Based on Boolean algebra, fsQCA identifies combinations of attributes or configurations, often termed ‘causal recipes’, that lead to the studied outcomes. This allows identification of both necessary and/or sufficient (combinations of) conditions that explain the outcome. Following the estimation of recipes, we returned to the empirical data collected to interpret the configurations from the fsQCA analysis. This stage is recommended as best practice in small-N QCA research (Greckhamer et al., 2018). Here, we re-examined the full evidence related to the cases assigned to each configuration.

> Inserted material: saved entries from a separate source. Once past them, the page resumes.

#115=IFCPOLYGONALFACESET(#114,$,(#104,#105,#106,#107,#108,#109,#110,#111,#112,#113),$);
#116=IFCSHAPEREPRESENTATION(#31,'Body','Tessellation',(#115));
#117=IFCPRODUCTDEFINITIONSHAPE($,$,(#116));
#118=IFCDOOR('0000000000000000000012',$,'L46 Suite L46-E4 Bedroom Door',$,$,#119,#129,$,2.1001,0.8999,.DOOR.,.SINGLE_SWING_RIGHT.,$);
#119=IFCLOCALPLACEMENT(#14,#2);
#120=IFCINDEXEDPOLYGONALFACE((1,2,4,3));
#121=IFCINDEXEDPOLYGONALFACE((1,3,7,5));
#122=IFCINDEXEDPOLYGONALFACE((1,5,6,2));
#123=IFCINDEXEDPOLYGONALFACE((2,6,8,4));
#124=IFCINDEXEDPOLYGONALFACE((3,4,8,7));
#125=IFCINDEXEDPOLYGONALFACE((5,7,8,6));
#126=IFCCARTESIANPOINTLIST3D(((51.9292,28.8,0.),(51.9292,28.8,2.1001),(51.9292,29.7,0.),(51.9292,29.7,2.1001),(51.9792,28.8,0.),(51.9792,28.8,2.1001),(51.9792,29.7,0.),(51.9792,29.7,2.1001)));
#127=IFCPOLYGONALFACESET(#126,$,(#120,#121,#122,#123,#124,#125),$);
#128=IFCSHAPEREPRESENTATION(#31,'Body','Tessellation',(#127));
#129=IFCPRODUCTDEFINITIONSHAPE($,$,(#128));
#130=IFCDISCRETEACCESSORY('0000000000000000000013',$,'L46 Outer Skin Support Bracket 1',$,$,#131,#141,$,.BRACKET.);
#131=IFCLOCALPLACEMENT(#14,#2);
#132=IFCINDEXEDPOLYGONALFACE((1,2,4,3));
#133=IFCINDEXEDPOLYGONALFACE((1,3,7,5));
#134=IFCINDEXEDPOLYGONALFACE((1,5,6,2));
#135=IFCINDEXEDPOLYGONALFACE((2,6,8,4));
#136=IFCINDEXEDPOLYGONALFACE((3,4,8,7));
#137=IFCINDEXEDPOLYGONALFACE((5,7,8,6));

Overall, our analysis is consistent with the three-stage, iterative, configurational theorizing process recently offered by Furnari et al. (2021). Specifically, initial ‘traditional’ qualitative analysis involved scoping, in which we identified relevant attributes that formed part of the configurations and jointly brought about an outcome (i.e., conjunction). The second stage involved linking, referring to how or why attributes were connected to each other, resulting in configurations. Using fsQCA, we estimated combinations of conditions linked to positive and negative attitudes to culture change. The third stage involved naming, aiming to capture the central theme of each configuration. This involved developing a narrative, and meaningful labels that communicated in an accessible way the complex patterns that formed the essence of each configuration. In addition to evoking the essence of each configuration, we also focused on thinking across configurations to ‘capture the whole’ (Furnari et al., 2021). In what follows, we describe the steps taken to manually calibrate the data.
Calibration
The calibration of the outcome and of all conditions was theoretically and empirically grounded, building on the coding process conducted at the stage of ‘traditional’ qualitative analysis (online Appendix 3). Specifically, 92 empirically derived first-order themes were grouped into 31 second-order themes, which in turn corresponded to eight aggregate dimensions or conditions, each representing a theoretical construct. 4 To ensure that all these conditions were theoretically grounded and externally valid, that is, they matched the intended concepts, the main first order-themes were compared to the definitions as well as survey questions measuring the constructs. For example, first-order themes capturing ‘supportive organization’, ‘caring employer’, ‘acknowledging contributions’ lay at the heart of definitions and measurements of POS (Shantz et al., 2016). As another example, ‘attachment’, ‘belonging’, and ‘indifference to the organization’ are first-order themes capturing the notion of affective commitment (Kim et al., 2016).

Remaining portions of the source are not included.